APTEL Asks Power Grid to Refund Encashed Bank Guarantees to Three Wind Energy Generators

The Tribunal noted that CERC permitted the encashment before the completion of 24 months

January 25, 2022


The Appellate Tribunal for Electricity (APTEL), in a recent order, set aside the order passed by the Central Electricity Regulatory Commission (CERC) and directed Power Grid Corporation of India Limited (PGCIL) to refund the encashed performance bank guarantee amount to three wind power project developers.

Vaayu Renewable Energy (Kaveri), Vaayu Renewable Energy (Sironj), and Vaayu Renewable Energy (Krishna) had filed applications challenging the earlier order passed by CERC in which it had directed PGCIL to encash the performance bank guarantee furnished by them.


Vaayu Renewable Energy (Kaveri) proposed setting up a 300 MW wind power project at Meghpur in the Kutch district of Gujarat. The wind developer applied for Stage-I and Stage-II connectivity to set up the project. Further, the developer acquired 50% of land for the project under the Gujarat Land Policy, 2004. The other two developers had also applied for Stage-I and Stage-II connectivity to set up wind projects.

After the connectivity applications, PGCIL granted Stage-I connectivity to the developer for the project with primary connectivity at the Bhuj pooling station and alternative connectivity at the Bhuj-II pooling station.

On August 3, 2018, the developer entered into a transmission agreement for connectivity, and the appellant furnished a bank guarantee of ₹50 million (~$671,429) on August 16, 2018.

The project’s acquisition of the balance land was delayed due to the directions issued by the Department of Revenue, Government of Gujarat.

As land allotment was a prerequisite for achieving financial closure, the developers informed PGCIL that the uncertainties in land allotment would adversely affect the schedule for financial closure of the projects.

Later the Government of Gujarat announced the new land policy in 2019. The new land policy 2019 considered wind power projects with a minimum capacity of 1,000 MW for allotment of revenue land. As such, the project was not covered for the allotment of the revenue land.

Against this background, the developers filed a petition with CERC requesting an eight-month extension to achieve financial closure as per the CERC Grant of Connectivity Regulations, 2009. CERC, in its order, revoked the grant of connectivity and directed PGCIL to encash the bank guarantees.

Tribunal’s analysis

The Tribunal observed that the developers had failed to achieve the milestones for Stage-II connectivity and PGCIL was right in revoking the grant of connectivity to the developers. However, there was no provision for encashment of bank guarantees by PGCIL.

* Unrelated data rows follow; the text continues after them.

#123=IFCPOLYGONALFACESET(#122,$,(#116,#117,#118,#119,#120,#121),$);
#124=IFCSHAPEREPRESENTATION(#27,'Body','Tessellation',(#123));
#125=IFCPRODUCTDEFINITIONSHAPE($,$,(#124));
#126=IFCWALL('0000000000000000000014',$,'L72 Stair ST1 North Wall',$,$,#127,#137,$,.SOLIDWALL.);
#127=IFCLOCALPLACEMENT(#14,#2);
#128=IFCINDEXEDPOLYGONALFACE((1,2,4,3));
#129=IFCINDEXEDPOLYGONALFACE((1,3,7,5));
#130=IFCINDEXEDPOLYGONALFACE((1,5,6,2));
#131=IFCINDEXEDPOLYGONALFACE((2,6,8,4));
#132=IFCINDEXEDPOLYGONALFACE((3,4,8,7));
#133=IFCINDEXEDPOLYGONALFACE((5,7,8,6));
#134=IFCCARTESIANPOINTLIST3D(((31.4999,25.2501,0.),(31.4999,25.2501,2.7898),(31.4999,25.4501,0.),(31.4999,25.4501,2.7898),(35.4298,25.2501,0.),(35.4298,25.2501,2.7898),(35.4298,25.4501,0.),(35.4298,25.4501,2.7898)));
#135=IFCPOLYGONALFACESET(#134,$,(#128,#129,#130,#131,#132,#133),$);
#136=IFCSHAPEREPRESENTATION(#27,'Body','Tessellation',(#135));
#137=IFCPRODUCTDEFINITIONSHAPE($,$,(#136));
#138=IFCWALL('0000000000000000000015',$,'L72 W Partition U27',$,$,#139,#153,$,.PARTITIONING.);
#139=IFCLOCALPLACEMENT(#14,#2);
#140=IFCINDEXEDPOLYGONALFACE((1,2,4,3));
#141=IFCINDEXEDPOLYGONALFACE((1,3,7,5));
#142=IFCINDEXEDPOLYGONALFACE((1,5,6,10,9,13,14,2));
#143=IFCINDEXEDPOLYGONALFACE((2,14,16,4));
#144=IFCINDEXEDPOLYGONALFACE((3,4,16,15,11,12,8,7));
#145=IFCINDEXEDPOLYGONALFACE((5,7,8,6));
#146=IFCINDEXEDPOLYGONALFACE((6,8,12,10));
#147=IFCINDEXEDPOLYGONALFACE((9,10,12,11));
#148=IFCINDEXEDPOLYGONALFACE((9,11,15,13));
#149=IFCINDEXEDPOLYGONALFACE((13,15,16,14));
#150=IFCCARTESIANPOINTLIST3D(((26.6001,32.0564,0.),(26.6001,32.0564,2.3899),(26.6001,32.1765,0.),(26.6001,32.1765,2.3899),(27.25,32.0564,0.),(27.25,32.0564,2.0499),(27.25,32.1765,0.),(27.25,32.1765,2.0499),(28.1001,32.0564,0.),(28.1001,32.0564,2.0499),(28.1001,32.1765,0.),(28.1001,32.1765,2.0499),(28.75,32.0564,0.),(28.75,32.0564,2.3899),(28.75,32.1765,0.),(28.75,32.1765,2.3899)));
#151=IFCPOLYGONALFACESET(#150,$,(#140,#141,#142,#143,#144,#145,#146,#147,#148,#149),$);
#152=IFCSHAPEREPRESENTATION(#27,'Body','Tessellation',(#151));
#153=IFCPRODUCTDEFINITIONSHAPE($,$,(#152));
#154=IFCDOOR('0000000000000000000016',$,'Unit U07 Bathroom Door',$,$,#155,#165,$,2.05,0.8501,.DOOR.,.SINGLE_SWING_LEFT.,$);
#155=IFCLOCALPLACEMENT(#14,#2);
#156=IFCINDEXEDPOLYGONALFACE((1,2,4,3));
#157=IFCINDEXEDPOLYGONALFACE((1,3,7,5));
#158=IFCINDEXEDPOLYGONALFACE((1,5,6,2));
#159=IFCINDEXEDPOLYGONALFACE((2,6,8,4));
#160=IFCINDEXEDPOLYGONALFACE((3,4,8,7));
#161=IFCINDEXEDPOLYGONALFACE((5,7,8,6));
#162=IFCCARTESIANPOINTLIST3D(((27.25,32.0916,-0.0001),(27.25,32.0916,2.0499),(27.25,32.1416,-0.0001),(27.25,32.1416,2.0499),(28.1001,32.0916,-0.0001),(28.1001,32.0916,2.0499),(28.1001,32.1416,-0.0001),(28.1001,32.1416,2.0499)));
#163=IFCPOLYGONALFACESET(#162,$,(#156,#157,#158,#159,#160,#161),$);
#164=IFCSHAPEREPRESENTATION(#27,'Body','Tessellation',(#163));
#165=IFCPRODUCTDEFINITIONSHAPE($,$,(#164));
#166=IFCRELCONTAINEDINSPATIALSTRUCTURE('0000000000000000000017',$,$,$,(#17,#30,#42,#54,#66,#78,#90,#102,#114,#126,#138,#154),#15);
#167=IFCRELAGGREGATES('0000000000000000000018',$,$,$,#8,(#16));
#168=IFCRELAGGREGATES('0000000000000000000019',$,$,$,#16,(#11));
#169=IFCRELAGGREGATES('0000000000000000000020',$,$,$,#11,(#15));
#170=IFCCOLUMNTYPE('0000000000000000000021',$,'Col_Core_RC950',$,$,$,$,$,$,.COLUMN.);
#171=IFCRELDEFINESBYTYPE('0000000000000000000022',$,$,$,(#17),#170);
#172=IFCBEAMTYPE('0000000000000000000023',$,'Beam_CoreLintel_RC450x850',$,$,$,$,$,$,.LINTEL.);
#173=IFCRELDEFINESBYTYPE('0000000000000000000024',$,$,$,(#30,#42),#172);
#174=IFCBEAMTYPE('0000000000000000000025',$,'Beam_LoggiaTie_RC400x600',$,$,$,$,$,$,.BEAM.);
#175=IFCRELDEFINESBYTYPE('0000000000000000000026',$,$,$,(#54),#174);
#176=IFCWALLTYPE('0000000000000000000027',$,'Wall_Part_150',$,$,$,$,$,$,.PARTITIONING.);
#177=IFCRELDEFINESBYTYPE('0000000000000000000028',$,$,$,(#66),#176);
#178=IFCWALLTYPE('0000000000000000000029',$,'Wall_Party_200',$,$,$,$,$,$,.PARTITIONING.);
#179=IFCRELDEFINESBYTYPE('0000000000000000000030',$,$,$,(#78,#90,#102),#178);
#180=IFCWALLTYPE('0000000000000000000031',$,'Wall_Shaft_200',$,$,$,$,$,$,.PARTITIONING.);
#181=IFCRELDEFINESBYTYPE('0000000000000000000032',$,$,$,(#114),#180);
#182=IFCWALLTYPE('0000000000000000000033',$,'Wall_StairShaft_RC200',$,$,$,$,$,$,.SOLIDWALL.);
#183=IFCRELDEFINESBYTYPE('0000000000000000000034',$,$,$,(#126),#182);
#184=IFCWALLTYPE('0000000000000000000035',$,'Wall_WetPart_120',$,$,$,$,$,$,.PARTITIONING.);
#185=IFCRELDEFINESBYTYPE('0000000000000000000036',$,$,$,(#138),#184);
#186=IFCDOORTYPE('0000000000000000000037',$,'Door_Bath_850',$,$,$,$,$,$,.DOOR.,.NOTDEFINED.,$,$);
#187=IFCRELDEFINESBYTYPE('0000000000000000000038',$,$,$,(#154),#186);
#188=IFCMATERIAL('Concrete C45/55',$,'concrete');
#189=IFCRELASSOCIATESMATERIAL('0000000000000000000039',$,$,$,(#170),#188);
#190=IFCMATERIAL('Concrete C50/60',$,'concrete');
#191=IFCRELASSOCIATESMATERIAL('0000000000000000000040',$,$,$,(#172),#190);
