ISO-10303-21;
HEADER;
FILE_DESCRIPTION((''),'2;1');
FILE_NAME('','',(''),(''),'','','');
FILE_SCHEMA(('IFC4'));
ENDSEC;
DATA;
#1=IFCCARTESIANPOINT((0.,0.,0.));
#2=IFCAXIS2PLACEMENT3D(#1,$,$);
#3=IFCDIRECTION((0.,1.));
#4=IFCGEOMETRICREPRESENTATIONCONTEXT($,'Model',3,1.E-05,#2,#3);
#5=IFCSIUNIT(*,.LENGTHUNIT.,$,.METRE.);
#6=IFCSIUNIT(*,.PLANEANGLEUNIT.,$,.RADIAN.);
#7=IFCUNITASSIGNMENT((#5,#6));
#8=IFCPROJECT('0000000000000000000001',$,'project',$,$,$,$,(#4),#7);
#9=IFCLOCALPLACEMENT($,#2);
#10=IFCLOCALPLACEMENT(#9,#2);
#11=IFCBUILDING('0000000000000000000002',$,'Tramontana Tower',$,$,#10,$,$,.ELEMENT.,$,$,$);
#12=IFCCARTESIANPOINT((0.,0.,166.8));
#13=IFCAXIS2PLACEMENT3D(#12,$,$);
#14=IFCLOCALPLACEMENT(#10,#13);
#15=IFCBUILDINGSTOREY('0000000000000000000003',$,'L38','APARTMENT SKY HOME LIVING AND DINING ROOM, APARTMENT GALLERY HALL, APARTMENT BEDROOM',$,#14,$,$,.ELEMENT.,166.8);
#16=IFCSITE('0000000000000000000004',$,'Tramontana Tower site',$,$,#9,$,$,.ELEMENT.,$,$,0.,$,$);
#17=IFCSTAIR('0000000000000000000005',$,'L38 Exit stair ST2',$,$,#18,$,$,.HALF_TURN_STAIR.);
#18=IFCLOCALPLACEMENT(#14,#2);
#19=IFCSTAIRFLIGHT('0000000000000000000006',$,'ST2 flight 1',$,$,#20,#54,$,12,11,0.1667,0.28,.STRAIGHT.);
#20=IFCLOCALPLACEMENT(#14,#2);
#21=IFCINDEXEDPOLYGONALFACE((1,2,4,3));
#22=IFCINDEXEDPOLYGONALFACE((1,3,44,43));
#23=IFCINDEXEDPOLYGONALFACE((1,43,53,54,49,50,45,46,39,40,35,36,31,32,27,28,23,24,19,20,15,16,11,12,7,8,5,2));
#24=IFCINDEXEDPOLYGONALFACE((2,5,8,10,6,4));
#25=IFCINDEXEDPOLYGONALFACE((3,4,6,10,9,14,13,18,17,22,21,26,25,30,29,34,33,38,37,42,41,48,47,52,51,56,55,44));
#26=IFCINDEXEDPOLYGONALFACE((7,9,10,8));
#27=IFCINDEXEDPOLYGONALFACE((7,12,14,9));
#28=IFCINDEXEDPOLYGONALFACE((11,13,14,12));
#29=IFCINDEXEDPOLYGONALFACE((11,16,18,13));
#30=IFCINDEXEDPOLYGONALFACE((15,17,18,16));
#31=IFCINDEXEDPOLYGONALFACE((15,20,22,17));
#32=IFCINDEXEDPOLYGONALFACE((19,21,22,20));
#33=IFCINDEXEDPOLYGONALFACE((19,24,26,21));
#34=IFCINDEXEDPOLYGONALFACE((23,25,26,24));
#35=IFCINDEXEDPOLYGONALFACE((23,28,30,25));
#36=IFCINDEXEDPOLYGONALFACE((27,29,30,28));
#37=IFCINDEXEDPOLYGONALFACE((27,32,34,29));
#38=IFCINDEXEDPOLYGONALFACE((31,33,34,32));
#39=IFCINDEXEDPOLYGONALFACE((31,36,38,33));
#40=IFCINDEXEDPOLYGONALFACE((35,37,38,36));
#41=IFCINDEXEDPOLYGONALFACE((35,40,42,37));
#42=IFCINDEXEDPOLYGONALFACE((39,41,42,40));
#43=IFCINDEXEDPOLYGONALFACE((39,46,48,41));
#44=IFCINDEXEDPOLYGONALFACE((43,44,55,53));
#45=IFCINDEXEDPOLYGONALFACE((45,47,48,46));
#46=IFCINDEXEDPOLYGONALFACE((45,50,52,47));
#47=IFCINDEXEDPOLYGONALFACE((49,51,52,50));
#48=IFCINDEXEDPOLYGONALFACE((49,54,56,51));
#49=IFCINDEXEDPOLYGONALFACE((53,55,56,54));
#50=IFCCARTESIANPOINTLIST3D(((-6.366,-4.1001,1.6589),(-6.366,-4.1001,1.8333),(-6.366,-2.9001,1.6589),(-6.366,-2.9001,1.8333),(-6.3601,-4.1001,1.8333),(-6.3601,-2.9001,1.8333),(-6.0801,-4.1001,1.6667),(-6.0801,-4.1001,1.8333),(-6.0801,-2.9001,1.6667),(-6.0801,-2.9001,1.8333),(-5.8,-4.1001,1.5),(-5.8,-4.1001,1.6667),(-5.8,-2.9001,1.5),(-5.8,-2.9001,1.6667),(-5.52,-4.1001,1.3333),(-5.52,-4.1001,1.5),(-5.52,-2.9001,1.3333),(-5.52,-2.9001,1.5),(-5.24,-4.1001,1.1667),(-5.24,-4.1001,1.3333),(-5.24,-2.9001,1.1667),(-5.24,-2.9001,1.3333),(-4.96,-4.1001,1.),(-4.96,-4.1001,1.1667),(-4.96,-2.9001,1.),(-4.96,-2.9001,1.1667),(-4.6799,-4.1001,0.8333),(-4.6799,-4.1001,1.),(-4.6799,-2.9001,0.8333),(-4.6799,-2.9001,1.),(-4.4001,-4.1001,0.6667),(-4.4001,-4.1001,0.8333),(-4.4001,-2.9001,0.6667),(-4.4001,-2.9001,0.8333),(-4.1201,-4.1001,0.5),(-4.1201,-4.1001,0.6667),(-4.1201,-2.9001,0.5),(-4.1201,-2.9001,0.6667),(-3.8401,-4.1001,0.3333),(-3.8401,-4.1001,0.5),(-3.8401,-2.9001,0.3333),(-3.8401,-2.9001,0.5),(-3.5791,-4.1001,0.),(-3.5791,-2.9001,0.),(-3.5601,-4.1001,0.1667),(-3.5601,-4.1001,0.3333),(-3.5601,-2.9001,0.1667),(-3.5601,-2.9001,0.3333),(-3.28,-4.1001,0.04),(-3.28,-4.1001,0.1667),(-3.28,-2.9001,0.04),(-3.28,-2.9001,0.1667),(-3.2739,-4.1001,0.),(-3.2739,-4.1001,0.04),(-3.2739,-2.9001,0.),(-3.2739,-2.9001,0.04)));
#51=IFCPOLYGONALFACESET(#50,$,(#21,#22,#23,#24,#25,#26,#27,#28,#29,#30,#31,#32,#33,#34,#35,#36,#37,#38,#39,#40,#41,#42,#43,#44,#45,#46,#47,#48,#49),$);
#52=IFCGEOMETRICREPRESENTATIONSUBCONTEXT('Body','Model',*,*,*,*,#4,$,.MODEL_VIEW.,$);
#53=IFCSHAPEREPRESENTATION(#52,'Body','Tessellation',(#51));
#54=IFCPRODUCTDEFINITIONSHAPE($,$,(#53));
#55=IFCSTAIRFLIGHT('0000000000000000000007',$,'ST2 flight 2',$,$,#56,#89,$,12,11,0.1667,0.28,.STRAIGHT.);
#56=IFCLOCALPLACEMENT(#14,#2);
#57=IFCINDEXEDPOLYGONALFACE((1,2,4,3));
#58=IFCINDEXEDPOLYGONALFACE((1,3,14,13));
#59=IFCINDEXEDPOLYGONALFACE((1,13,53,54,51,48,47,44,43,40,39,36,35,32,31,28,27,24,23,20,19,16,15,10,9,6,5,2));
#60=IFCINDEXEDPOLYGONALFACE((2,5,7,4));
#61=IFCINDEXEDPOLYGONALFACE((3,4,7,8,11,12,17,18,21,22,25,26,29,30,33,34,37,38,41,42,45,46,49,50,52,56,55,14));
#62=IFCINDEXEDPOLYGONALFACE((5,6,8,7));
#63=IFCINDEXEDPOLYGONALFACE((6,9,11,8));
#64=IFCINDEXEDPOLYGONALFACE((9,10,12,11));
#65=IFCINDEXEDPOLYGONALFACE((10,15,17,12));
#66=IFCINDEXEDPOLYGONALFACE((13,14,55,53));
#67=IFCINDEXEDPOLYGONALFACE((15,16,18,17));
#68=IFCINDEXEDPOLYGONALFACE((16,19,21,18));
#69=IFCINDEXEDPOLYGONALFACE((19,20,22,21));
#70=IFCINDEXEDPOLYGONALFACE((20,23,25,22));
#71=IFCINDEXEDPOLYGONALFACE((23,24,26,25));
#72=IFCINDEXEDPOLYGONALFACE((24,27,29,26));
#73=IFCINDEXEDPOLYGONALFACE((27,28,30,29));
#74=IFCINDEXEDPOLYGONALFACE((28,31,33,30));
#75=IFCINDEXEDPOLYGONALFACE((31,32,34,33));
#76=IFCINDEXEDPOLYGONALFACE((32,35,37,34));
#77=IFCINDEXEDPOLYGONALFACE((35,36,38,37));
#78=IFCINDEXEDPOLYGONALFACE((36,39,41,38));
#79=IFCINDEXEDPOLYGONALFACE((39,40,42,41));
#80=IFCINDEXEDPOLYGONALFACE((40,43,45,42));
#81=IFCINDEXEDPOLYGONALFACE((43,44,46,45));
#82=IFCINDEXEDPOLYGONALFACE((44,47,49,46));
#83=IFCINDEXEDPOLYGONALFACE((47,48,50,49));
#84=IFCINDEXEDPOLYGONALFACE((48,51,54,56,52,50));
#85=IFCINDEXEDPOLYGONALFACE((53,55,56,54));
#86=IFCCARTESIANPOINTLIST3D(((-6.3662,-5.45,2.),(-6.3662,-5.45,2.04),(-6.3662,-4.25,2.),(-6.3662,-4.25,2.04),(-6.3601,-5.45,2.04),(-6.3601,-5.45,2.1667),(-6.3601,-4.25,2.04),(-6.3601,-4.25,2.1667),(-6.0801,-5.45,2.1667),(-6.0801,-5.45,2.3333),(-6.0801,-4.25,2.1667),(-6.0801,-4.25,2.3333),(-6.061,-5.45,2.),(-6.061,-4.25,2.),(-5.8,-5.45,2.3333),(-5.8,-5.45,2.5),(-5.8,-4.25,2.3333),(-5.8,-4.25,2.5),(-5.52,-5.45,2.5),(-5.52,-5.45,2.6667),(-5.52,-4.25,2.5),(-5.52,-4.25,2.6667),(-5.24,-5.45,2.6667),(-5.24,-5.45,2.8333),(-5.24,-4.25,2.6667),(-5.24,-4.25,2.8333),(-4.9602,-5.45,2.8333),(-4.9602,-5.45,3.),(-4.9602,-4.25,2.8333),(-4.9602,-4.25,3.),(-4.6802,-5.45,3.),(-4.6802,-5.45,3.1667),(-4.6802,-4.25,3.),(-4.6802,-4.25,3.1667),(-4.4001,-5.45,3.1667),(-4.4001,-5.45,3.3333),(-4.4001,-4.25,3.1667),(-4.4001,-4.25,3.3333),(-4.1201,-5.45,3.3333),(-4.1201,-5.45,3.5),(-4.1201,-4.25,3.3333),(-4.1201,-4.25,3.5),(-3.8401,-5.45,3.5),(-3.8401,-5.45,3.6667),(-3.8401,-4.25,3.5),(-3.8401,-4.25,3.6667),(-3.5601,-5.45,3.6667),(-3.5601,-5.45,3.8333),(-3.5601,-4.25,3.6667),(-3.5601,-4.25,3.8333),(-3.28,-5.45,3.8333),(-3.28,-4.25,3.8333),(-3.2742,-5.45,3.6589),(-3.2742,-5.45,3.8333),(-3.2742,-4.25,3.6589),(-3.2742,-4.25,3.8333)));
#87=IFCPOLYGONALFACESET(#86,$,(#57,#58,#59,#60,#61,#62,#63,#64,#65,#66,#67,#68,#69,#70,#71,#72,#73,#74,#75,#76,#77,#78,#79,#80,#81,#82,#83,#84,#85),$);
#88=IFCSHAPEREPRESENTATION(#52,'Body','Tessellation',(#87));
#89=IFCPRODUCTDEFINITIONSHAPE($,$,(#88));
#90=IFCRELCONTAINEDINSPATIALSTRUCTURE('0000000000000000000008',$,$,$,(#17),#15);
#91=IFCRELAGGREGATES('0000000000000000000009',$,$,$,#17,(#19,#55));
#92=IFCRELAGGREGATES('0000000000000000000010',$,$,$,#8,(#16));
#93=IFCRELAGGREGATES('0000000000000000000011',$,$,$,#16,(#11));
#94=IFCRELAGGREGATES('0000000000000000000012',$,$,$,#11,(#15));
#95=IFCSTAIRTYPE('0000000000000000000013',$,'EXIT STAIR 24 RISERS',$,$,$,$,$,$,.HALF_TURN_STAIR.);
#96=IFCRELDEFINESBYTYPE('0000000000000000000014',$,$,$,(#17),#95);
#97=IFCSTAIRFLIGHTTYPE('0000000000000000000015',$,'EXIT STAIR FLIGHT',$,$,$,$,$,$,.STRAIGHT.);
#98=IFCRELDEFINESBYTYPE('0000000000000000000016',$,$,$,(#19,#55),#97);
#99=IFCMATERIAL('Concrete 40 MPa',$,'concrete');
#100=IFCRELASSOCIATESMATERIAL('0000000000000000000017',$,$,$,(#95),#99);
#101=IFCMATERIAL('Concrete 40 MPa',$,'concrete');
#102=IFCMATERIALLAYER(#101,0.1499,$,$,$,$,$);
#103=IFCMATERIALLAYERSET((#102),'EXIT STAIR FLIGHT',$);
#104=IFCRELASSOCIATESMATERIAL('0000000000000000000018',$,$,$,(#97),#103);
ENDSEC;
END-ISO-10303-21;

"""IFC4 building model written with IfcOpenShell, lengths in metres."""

from ifc_helpers import new_model, si_unit, direction, frame, origin, place, context, subcontext, project, spatial, polyline, outline, extrude, material, layer, layer_set, type_object, element, aggregate, save


model = new_model("IFC4")

# Units and contexts
model_context = context("Model", 3, precision=1e-05, world=origin(), true_north=direction((0.0, 1.0)))
body_context = subcontext(model_context, "Body", "Model", "MODEL_VIEW")
ifc_project = project(units=[si_unit("LENGTHUNIT", "METRE"), si_unit("PLANEANGLEUNIT", "RADIAN")], contexts=[model_context])

# Site, building, storey
site_placement = place(None, origin())
site = spatial("IfcSite", under=ifc_project, at=site_placement, Name="Tramontana Tower site", CompositionType="ELEMENT", RefElevation=0.0)
building_placement = place(site_placement, origin())
building = spatial("IfcBuilding", under=site, at=building_placement, Name="Tramontana Tower", CompositionType="ELEMENT")
storey_placement = place(building_placement, frame((0.0, 0.0, 166.8)))
storey = spatial("IfcBuildingStorey", under=building, at=storey_placement, Name="L38", Description="APARTMENT SKY HOME LIVING AND DINING ROOM, APARTMENT GALLERY HALL, APARTMENT BEDROOM", CompositionType="ELEMENT", Elevation=166.8)

# Stair, stair flights
ifc_material_1 = material(Name="Concrete 40 MPa", Category="concrete")
stair_type = type_object("IfcStairType", Name="EXIT STAIR 24 RISERS", PredefinedType="HALF_TURN_STAIR", material=ifc_material_1)
stair_placement = place(storey_placement, origin())
stair = element("IfcStair", 1, at=stair_placement, inside=storey, type_object=stair_type, Name="L38 Exit stair ST2", PredefinedType="HALF_TURN_STAIR")
ifc_material_2 = material(Name="Concrete 40 MPa", Category="concrete")
ifc_layer_1 = layer(ifc_material_2, 0.1499)
ifc_layer_set_1 = layer_set([ifc_layer_1], Name="EXIT STAIR FLIGHT")
stair_flight_type = type_object("IfcStairFlightType", Name="EXIT STAIR FLIGHT", PredefinedType="STRAIGHT", material=ifc_layer_set_1)
stair_flight_1_placement = place(storey_placement, frame((-3.28, -3.5, 0.0), z_axis=(0.0, 0.0, 1.0), x_axis=(-1.0, 0.0, 0.0)))
stair_flight_1 = element("IfcStairFlight", 2, at=stair_flight_1_placement, type_object=stair_flight_type, Name="ST2 flight 1", NumberOfRisers=12, NumberOfTreads=11, PredefinedType="STRAIGHT", RiserHeight=0.1667, TreadLength=0.28, context=body_context, shape_type="SweptSolid", body=[
    extrude(outline(polyline([(-0.0061, 0.0), (-0.0061, 0.04), (0.0, 0.04), (0.0, 0.1667), (0.28, 0.1667), (0.28, 0.3333), (0.5601, 0.3333), (0.5601, 0.5), (0.8401, 0.5), (0.8401, 0.6667), (1.1201, 0.6667), (1.1201, 0.8333), (1.3999, 0.8333), (1.3999, 1.0), (1.6799, 1.0), (1.6799, 1.1667), (1.96, 1.1667), (1.96, 1.3333), (2.24, 1.3333), (2.24, 1.5), (2.52, 1.5), (2.52, 1.6667), (2.8, 1.6667), (2.8, 1.8333), (3.0801, 1.8333), (3.0859, 1.8333), (3.0859, 1.6589), (0.2991, 0.0), (-0.0061, 0.0)])), frame((0.0, 0.6001, 0.0), z_axis=(0.0, -1.0, 0.0), x_axis=(1.0, 0.0, 0.0)), (0.0, 0.0, 1.0), 1.2),
])
stair_flight_2_placement = place(storey_placement, frame((-6.3601, -4.8501, 2.0), z_axis=(0.0, 0.0, 1.0), x_axis=(1.0, 0.0, 0.0)))
stair_flight_2 = element("IfcStairFlight", 3, at=stair_flight_2_placement, type_object=stair_flight_type, Name="ST2 flight 2", NumberOfRisers=12, NumberOfTreads=11, PredefinedType="STRAIGHT", RiserHeight=0.1667, TreadLength=0.28, context=body_context, shape_type="SweptSolid", body=[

CERC, in its order, had said, “It is noted that before the new land policy, the petitioners had been granted more than 50% of the land required for their projects. Further, the petitioners had also applied for allotment of balance revenue land required for their projects. We observe that the government policies quoted by the petitioners are regarding revenue land. However, the petitioners had the option of acquiring other lands, such as private land.”

“It is noted that the developers were granted Stage-II Connectivity on July 19, 2018, and as per the detailed procedure, the petitioners were required to complete the financial closure by April 18, 2018, which the developers failed to achieve. Hence, the Stage II Connectivity granted to the petitioners is revoked,” CERC had added.

APTEL said that CERC’s order was based on the premise that there was a provision pertaining to the encashment of bank guarantee if the developer failed to complete the dedicated transmission line within 24 months from the date of the intimation of the bay allocation. However, in the present case, CERC permitted the encashment of the bank guarantee before the completion of 24 months.

The Tribunal highlighted that the developers had filed a petition with CERC much before the specified period of 24 months as required to commission the dedicated transmission line.

APTEL made it clear that the forfeiture of a bank guarantee was an act of levying penalty. Since the requisite period of 24 months had not yet elapsed, the penalty of encashment of the bank guarantee should not have been imposed.

Last May, CERC, responding to ReNew Power’s petition, directed PGCIL not to encash bank guarantees submitted towards its wind projects.

Earlier, CERC had directed the Solar Energy Corporation of India not to encash the performance bank guarantee furnished by Adani Wind Kutchh One for the delay in commissioning 250 MW of wind projects.